Photogrammetry methods (D'Apuzzo 1998) can instead acquire all data in less than one second.
The second component of the human body modeling process consists in the capture of the motion (Dyer et al. 1995). The
different systems can be divided into groups depending on which characteristic is used for classification, e.g. accuracy,
time to process the data, method used, price of the system, portability of the system. Photogrammetric systems measure
very accurately the trajectories of signalized target points on the body (Boulic et al. 1998, Vicon, Qualisys, Northen
Digital); some of them compute the data in real-time. Other systems use electromagnetic sensors which are connected to
a computer unit which can process the data and produce 3-D data in real time (Ascension, Polhemus). There are also
mechanical systems, where the person has to wear special suits with mechanical sensors which register the movement of
the different articulations (Analogus). Motorized video theodolites in combination with a digital video camera have also
been used for human motion analysis (Anai et al. 1999). A different approach is used by the image-based methods where
image sequences are taken from different positions and then processed to recover the 3-D motion of the body (Gravila et
al. 1996).
The common characteristic of these systems is the separated consideration of the two modeling aims: shape and motion
are modeled in two different steps. In this paper, we present instead a method to solve the two problems simultaneously,
recovering from one data set both 3-D shape and 3-D motion information.

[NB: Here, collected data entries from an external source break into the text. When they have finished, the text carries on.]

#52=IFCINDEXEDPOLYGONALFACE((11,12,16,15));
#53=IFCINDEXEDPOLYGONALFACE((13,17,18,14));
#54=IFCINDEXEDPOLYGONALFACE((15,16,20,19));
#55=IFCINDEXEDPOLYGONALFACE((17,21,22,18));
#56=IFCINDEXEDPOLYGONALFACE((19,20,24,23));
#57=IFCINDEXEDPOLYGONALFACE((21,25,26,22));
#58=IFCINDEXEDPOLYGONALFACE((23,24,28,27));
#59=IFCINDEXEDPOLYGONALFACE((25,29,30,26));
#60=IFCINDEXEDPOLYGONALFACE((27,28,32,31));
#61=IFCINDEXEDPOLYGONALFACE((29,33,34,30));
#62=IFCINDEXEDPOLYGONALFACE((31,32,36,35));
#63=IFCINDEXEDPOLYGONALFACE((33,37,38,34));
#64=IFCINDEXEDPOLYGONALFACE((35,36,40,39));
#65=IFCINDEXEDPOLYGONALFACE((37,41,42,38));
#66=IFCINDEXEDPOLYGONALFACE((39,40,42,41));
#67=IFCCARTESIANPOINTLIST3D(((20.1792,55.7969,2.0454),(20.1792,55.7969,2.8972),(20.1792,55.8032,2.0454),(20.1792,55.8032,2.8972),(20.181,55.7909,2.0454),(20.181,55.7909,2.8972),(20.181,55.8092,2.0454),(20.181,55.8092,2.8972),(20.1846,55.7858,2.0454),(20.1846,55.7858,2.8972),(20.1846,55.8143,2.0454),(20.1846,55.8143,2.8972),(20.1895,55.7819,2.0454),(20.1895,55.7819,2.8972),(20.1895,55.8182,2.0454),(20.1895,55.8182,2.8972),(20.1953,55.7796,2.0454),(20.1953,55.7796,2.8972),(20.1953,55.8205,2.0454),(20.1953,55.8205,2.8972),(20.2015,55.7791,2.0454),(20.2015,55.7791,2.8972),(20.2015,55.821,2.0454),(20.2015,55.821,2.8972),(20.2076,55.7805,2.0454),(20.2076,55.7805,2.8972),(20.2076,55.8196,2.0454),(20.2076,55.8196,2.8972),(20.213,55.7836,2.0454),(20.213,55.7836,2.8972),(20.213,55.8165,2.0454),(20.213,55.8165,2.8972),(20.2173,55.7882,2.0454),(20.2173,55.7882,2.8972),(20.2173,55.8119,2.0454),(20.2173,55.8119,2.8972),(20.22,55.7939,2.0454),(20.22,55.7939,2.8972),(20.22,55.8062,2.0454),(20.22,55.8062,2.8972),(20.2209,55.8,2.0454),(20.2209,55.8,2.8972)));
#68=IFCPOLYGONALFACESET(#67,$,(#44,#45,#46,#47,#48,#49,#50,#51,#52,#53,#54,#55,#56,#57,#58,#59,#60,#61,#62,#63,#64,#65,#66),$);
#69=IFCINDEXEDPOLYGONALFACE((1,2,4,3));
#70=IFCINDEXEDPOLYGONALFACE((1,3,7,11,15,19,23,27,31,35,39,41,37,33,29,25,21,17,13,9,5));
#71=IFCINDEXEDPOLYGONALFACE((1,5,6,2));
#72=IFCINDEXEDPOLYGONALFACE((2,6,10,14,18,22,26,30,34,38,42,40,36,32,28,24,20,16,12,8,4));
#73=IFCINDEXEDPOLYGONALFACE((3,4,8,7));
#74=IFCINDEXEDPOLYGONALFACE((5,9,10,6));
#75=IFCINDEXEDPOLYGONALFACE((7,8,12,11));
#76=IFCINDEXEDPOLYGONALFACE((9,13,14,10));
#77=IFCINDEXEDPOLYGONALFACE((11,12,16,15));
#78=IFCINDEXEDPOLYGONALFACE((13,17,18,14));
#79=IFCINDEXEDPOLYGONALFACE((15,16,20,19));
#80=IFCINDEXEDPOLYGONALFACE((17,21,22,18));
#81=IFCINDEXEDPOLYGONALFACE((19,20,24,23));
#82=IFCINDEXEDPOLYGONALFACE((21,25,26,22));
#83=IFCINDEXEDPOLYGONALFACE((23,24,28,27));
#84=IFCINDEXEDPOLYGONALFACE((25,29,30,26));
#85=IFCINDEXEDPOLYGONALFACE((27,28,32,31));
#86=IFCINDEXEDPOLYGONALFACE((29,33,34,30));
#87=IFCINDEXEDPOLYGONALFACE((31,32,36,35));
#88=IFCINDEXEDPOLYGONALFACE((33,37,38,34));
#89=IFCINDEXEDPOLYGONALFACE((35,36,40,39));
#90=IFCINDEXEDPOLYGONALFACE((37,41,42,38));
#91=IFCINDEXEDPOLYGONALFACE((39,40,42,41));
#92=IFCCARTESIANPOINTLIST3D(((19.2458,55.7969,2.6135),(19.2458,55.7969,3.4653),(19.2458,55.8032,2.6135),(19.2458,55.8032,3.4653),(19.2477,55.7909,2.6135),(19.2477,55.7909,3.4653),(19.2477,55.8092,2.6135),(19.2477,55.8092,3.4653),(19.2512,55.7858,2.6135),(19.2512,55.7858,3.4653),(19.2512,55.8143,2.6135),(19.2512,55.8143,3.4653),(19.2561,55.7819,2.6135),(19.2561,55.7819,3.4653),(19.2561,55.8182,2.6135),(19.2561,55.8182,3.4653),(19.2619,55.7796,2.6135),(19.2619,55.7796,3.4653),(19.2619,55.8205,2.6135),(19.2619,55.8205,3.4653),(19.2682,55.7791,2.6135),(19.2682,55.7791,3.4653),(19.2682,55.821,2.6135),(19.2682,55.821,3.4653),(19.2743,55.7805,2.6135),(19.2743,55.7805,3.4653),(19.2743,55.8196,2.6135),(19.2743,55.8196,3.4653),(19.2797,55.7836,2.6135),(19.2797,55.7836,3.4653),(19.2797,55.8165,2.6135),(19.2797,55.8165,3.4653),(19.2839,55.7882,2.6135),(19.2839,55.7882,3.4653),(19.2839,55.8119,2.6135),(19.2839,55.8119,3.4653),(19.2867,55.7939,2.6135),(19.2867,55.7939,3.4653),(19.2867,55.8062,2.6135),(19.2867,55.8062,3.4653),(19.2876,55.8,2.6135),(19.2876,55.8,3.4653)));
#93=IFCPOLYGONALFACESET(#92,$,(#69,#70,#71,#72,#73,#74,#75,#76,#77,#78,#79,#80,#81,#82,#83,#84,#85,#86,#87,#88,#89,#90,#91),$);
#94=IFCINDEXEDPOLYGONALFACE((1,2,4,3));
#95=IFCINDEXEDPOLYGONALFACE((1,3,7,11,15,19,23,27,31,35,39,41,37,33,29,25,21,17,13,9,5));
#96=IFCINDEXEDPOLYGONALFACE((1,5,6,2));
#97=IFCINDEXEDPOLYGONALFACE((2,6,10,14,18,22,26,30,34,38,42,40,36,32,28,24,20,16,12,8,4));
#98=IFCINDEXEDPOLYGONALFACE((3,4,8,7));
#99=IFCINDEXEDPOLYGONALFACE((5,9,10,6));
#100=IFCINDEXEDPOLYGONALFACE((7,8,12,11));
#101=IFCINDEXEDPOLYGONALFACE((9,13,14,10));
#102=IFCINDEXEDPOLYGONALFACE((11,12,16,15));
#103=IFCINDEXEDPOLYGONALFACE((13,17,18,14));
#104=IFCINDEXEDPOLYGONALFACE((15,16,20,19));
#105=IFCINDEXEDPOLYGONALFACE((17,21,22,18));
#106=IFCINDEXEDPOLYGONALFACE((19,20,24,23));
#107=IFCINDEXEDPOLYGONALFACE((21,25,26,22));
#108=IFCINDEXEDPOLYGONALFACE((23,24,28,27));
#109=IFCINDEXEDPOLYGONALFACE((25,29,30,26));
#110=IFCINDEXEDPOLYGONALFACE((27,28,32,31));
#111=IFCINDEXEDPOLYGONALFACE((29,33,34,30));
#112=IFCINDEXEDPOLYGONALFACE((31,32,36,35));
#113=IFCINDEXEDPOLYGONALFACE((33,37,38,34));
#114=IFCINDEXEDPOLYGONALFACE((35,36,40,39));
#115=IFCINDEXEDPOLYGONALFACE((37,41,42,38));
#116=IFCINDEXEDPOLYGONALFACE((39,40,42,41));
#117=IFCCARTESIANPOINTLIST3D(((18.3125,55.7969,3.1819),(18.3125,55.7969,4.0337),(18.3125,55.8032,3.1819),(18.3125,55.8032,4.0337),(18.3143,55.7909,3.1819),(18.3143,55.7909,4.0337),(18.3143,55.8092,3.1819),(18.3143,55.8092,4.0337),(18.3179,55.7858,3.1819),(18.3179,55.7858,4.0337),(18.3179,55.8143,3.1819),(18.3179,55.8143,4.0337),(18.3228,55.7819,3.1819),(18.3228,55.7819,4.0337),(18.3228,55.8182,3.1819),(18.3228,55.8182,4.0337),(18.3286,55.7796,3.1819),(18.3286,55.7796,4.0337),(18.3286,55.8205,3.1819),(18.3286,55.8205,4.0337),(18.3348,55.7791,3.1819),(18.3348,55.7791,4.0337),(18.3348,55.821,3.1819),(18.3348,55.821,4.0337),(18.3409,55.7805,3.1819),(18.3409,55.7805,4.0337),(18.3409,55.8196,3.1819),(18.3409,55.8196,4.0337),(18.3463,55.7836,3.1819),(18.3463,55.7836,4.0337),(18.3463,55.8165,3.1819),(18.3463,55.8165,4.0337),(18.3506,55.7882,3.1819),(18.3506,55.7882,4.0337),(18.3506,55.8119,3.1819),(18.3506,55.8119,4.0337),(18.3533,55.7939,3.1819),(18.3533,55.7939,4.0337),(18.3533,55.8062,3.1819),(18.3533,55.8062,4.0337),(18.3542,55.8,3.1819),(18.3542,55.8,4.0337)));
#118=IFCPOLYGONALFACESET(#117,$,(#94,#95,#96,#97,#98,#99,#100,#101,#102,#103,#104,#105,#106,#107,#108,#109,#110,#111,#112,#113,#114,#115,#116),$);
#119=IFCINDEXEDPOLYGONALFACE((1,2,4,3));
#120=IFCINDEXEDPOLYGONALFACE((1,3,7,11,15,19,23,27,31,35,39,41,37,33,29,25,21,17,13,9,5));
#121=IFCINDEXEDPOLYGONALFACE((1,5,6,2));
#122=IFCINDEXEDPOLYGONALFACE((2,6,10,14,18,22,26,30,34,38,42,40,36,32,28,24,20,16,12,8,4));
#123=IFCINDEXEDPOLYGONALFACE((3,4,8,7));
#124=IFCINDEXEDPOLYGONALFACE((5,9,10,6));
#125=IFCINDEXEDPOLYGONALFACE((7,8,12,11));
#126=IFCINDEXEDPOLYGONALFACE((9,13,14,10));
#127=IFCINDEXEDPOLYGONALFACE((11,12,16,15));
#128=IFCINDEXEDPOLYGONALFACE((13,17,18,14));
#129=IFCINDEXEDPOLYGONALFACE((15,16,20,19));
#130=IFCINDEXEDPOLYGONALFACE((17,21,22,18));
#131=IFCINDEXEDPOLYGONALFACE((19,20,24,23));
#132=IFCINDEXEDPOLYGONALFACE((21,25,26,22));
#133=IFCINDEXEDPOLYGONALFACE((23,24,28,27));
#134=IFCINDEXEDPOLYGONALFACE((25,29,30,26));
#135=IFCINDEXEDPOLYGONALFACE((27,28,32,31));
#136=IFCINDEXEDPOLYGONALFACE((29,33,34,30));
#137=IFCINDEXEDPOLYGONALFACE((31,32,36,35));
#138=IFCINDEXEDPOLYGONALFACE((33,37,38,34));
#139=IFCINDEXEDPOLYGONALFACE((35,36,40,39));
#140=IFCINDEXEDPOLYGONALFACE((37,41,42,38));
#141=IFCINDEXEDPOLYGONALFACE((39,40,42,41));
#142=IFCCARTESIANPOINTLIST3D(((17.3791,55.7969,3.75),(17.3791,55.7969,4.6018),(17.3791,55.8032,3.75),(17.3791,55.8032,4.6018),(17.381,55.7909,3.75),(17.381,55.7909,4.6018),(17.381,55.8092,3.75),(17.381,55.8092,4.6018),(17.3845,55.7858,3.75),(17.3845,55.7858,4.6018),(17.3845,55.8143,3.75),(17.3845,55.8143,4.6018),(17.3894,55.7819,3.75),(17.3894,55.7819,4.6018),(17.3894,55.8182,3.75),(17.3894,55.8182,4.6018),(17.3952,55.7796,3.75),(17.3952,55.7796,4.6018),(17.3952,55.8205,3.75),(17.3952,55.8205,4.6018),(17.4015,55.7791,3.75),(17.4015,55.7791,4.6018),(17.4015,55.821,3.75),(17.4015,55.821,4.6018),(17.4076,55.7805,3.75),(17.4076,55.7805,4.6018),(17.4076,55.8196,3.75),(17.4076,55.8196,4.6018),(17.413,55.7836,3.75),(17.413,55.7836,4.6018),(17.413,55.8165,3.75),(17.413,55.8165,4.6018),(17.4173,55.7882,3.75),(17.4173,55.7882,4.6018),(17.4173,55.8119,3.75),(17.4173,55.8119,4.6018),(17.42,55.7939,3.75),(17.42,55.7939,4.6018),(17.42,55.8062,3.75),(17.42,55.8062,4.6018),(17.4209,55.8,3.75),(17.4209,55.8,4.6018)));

The core of this paper is the description of the least squares matching tracking algorithm (LSMTA). It uses the least
squares matching process to establish the correspondences between subsequent frames of the same view as well as
correspondences between the images of the different views. Least squares matching has been chosen among others
methods for its adaptivity.
2 EXTRACTION OF 3-D DATA FROM VIDEO SEQUENCES
In this section, we will first describe the system for data acquisition and the method used for its calibration. We then
depict our methods for the extraction of 3-D data from the multi-image video sequence. The extracted information is of
two different types: 3-D points clouds of the visible parts of the human body for each time step and a 3-D vector field of
trajectories. The LSMTA can be also used in 2-D mode; we give an example of this possible use in tracking of facial
expressions.
2.1 Data Acquisition and Calibration
Three synchronized CCD cameras in a linear arrangement (left,
center, right) are used. A sequence of triplet images is acquired with
a frame grabber and the images are stored with 768x576 pixels at 8
bit quantization. The CCD cameras are interlaced, i.e. a full frame
is split into two fields which are recorded and read-out
consecutively. As odd and even lines of an image are captured at
different times, a saw pattern is created in the image when
recording moving objects. For this reason only the odd lines of the
images are processed, at the cost of reducing the resolution in
vertical direction by 50 percent. In the future is planned the use of Figure 1. Automatically measured image
coordinates of the two points on the reference bar
progressive scan cameras which acquire full frames.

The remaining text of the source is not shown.